Esta receta es muy fácil, muchas veces es la idea la que puede ser diferente, que parezca complicada pero esta no lo es. Empezaremos pelando las cigalas, para esta receta no necesitamos que sean unas cigalas grandes, con las pequeñas que nos saldrán mas económicas nos quedará muy bien. Una vez tengamos las cigalas peladas las salaremos.

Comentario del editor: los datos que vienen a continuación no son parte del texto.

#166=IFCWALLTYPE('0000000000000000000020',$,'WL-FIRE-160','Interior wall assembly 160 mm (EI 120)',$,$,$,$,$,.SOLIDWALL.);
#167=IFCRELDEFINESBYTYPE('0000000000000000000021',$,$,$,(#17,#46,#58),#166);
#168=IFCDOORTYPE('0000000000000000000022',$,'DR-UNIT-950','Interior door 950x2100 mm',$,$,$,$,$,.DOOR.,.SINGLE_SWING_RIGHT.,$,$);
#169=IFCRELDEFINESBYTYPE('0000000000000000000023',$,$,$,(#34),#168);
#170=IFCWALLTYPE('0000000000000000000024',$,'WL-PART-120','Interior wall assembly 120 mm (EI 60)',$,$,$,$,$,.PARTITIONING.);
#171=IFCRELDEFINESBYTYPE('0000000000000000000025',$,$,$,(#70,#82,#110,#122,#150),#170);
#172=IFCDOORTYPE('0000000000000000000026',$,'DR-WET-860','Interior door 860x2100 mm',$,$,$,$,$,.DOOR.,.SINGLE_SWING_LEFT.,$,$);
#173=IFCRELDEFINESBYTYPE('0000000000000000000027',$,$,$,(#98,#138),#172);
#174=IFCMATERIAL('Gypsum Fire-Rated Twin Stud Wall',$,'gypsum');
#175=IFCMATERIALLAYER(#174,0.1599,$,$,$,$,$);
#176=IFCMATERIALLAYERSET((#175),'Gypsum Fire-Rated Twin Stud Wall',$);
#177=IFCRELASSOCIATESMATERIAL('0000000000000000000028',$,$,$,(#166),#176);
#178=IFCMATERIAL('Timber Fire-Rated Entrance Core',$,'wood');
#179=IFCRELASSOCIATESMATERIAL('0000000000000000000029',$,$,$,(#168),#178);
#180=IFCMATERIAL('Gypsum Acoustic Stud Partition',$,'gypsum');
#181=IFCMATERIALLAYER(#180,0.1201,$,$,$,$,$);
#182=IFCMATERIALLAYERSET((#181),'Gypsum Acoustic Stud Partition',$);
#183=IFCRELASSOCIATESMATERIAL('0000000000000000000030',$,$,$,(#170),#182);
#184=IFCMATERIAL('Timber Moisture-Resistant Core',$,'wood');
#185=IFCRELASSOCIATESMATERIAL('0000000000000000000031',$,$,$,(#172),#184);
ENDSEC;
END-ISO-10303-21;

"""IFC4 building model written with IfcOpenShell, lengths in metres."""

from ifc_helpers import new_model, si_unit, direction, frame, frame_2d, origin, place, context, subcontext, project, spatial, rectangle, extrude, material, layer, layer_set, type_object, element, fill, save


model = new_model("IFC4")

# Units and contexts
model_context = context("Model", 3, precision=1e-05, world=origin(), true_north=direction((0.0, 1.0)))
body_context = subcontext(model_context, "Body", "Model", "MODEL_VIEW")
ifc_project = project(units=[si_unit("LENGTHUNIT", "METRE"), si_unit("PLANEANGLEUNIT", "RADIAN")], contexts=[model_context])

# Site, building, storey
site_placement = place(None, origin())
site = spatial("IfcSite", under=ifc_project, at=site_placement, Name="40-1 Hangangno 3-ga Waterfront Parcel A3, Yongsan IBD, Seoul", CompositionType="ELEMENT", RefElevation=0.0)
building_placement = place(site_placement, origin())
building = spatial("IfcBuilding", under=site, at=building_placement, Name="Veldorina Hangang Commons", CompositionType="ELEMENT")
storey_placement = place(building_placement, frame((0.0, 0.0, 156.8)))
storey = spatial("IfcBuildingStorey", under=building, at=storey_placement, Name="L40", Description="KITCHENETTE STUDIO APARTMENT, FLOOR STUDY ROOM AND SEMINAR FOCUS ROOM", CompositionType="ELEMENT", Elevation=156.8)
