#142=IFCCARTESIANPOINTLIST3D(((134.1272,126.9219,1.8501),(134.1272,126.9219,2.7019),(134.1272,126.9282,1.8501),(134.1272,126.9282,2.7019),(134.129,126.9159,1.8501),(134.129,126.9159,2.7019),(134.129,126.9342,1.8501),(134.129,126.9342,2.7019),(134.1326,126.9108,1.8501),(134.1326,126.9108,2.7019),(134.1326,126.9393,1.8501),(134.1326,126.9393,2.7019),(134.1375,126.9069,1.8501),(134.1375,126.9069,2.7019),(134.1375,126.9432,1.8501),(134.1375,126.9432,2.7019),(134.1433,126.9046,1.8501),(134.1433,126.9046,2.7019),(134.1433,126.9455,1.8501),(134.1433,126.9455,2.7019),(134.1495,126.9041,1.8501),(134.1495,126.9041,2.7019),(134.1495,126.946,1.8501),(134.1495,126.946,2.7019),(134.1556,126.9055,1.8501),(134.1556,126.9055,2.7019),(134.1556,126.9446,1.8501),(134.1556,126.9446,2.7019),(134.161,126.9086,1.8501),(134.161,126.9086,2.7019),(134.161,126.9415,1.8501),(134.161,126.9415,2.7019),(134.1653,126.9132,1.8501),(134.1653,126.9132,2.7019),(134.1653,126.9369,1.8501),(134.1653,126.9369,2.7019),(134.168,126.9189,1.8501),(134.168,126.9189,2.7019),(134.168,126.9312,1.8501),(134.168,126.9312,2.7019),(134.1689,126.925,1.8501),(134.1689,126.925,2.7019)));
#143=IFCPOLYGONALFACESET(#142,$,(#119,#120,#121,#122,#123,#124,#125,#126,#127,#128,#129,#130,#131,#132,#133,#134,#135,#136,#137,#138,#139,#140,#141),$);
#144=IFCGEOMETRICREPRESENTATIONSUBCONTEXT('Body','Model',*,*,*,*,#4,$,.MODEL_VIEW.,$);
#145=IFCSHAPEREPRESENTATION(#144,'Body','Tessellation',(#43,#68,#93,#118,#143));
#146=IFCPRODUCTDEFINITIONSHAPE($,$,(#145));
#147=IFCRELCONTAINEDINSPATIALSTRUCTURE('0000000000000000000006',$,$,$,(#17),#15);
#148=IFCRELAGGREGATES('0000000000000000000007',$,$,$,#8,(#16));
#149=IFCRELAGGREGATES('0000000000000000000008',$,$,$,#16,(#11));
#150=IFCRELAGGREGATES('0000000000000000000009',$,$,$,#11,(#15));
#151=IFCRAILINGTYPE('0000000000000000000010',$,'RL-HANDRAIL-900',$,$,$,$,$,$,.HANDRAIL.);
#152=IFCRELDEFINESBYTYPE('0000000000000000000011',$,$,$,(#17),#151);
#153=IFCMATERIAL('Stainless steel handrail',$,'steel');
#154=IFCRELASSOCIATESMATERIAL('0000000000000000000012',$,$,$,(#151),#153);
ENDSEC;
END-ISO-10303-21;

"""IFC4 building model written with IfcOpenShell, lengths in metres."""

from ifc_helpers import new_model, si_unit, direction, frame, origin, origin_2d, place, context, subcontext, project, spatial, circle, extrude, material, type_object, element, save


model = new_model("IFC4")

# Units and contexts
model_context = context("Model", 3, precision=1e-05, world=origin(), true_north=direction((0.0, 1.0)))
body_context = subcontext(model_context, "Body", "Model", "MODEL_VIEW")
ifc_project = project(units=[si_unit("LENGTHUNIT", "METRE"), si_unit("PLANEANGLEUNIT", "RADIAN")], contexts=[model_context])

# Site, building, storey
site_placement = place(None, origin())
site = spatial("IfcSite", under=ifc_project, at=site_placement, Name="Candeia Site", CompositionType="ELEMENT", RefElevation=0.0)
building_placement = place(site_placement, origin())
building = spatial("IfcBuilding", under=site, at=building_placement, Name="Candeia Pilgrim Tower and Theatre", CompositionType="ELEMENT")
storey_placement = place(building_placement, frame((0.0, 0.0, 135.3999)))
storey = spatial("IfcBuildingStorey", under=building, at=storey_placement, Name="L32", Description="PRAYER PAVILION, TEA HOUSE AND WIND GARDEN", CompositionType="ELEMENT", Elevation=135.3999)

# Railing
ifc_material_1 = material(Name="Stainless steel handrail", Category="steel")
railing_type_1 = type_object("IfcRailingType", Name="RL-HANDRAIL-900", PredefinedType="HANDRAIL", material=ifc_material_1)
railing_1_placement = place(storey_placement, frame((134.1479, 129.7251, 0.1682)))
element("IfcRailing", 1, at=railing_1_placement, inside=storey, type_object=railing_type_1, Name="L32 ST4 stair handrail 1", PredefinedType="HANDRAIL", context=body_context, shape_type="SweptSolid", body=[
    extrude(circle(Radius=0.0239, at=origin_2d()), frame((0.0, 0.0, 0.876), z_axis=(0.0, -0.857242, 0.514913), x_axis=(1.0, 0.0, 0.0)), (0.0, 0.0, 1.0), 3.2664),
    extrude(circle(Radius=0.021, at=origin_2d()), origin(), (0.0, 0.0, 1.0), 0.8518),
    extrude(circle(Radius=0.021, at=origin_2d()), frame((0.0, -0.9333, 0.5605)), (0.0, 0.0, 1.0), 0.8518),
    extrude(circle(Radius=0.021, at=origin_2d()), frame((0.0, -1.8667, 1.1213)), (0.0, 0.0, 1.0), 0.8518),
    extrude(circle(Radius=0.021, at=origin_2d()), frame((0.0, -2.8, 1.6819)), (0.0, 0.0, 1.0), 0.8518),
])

Los fideos de arroz los cortaremos en trozos de unos 3 centímetros mas o menos. Pasaremos la cigalas por los fiedos, tendremos que apretar para que se queden pegados. Pondremos en una sartén abunadante aceite de oliva, cuando esté caliente iremos echando nuestras cigalas. Las sacaremos en papel absorvente para quitar el exceso de grasa. Serviremos asi mismo o pinchadas en un papel absorvente. Si queremos darle un toque un poco mas diferente podemos añadirñe ralladura de lima.
¡Buen provecho! On egin!
Etiquetas: cigaas crujientes, cigalas, crujiente, fideos de arroz
Eres a la cocina lo que Maradona al fútbol, Michael Jordan al baloncesto, Carl Lewis al atletismo, Steven Spielberg al cine o Los Rolling a la música.
Jajajajaja con ese nombre y tú mensaje me lo tomaré en serio. Pero muy serio. XD
[...] estos bocaditos que la pasada semana preparé para una cena con amigos. La verdad es que la idea triunfó, gustó a todos tanto por la presentación como por el sabor, el cual os aseguro que es [...]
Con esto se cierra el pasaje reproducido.